Voici mieux encore. Vous vous promenez sur la place d’un village un jour de marché. La foule est épaisse, les bestiaux tirent sur leur longe, les pourceaux grognent : c’est une houle à ne point s’entendre. Une charrette met un quart d’heure à traverser la place. Le flot humain résiste à la poussée. Chacun ne pense qu’à ses affaires. Soudain paraît, dans un cabriolet lancé au grand trot, un bourgeois brusque et bourru.
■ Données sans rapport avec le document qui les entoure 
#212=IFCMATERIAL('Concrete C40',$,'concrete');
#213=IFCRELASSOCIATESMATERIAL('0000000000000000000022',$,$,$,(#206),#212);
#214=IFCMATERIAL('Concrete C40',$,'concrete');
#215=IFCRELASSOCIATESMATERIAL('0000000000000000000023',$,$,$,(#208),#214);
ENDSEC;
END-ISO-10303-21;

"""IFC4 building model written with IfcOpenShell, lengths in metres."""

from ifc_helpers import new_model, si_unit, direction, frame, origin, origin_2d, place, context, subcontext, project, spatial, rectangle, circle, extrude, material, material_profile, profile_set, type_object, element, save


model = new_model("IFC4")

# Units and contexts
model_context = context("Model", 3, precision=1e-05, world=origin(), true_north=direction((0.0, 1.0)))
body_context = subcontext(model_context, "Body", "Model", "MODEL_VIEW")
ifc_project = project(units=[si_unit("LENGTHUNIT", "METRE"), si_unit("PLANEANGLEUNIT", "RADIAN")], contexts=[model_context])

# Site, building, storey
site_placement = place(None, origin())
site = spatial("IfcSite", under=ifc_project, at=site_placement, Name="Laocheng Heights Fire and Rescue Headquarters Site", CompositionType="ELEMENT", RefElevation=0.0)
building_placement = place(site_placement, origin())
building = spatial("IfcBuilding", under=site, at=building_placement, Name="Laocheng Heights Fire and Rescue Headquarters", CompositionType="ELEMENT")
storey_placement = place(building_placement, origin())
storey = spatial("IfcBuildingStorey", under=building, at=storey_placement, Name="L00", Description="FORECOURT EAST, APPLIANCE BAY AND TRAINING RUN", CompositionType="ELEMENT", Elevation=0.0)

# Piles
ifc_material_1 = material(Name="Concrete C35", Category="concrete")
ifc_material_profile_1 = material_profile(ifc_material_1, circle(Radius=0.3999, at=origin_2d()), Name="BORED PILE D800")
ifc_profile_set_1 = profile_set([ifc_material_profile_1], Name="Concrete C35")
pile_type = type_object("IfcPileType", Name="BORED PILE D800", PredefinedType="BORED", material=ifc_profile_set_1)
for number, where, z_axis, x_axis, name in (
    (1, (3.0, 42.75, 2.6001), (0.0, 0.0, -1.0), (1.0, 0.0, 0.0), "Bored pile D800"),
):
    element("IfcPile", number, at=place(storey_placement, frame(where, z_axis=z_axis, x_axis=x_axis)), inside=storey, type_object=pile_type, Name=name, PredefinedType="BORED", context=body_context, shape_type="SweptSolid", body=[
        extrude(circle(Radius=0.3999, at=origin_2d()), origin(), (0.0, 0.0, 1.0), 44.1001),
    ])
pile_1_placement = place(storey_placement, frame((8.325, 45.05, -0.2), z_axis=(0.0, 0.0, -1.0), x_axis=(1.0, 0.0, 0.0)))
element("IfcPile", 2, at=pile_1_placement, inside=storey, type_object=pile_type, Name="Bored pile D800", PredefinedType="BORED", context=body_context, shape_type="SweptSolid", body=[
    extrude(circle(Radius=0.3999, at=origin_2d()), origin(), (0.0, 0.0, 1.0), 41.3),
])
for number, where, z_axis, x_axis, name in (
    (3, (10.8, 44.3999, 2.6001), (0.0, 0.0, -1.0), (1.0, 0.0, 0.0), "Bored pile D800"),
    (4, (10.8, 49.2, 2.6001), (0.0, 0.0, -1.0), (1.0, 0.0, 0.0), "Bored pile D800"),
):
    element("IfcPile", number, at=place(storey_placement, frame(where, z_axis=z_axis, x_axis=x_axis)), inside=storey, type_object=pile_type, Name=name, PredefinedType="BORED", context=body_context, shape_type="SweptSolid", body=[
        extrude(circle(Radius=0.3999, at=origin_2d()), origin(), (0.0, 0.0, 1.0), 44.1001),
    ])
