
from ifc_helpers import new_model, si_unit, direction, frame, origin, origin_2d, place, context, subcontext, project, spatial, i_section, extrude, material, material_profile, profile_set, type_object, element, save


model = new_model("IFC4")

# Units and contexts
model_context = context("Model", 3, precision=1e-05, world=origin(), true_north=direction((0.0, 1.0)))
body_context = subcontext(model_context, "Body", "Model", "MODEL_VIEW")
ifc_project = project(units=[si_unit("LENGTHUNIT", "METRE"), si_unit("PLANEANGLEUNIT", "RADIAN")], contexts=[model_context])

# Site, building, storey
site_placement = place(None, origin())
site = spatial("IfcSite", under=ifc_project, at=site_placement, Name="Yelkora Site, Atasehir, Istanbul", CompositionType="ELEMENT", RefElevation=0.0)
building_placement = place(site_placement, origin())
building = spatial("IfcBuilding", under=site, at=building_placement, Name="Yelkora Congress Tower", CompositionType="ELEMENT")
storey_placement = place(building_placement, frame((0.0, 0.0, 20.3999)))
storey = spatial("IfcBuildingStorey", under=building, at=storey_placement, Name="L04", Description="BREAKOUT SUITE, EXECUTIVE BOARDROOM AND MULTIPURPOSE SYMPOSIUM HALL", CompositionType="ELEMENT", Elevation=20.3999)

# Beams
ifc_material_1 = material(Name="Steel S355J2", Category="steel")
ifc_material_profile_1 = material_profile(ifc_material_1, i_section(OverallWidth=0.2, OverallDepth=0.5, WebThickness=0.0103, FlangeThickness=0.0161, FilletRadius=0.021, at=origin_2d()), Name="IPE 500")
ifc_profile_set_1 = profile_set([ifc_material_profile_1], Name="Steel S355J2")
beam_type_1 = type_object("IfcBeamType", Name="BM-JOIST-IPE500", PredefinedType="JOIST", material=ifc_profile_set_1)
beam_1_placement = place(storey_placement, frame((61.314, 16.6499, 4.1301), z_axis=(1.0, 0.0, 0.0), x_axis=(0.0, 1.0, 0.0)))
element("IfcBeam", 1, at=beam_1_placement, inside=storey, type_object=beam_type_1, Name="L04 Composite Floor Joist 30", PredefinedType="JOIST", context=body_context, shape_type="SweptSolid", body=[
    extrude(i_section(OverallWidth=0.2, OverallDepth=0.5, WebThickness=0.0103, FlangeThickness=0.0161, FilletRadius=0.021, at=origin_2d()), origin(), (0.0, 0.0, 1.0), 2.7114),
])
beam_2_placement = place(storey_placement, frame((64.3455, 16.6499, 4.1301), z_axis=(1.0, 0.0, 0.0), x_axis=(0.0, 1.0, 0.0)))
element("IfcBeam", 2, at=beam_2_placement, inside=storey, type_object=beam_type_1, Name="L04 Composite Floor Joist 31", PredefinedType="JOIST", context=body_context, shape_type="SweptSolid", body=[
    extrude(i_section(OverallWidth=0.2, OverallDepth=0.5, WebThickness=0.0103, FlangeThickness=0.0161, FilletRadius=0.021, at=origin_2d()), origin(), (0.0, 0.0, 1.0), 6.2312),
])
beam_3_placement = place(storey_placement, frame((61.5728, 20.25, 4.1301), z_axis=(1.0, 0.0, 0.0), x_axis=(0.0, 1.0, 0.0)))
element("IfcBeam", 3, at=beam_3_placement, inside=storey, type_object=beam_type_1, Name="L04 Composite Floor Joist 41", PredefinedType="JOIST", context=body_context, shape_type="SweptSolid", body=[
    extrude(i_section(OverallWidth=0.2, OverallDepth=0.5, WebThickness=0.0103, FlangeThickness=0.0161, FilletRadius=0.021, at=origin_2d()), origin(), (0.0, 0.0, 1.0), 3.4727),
Le chapeau enfoncé sur les yeux, sans regarder ni à droite ni à gauche, il distribue des coups de fouet et des injures pour se frayer un passage. Voilà, dites-vous, un grand malotru : il va se f :iire lapider. Nullement ; tout le monde s’écarte, les chapeaux se soulèvent et même les casquettes de soie ébauchent un salut. Toutes les rides, les crevasses de ces visages bronzés ne forment plus qu’un seul pli qui s’épanouit d’une oreille à l’autre. « Bonjour, monsieur le docteur ! vous passerez à la maison ? Le bras du petit n’est pas encore bien remis. Le vieux a des douleurs… » Et le brave docteur passe son chemin, mêlant une ordonnance et un juron, interpellant chacun par son nom et tutoyant les pères aussi bien que les fils.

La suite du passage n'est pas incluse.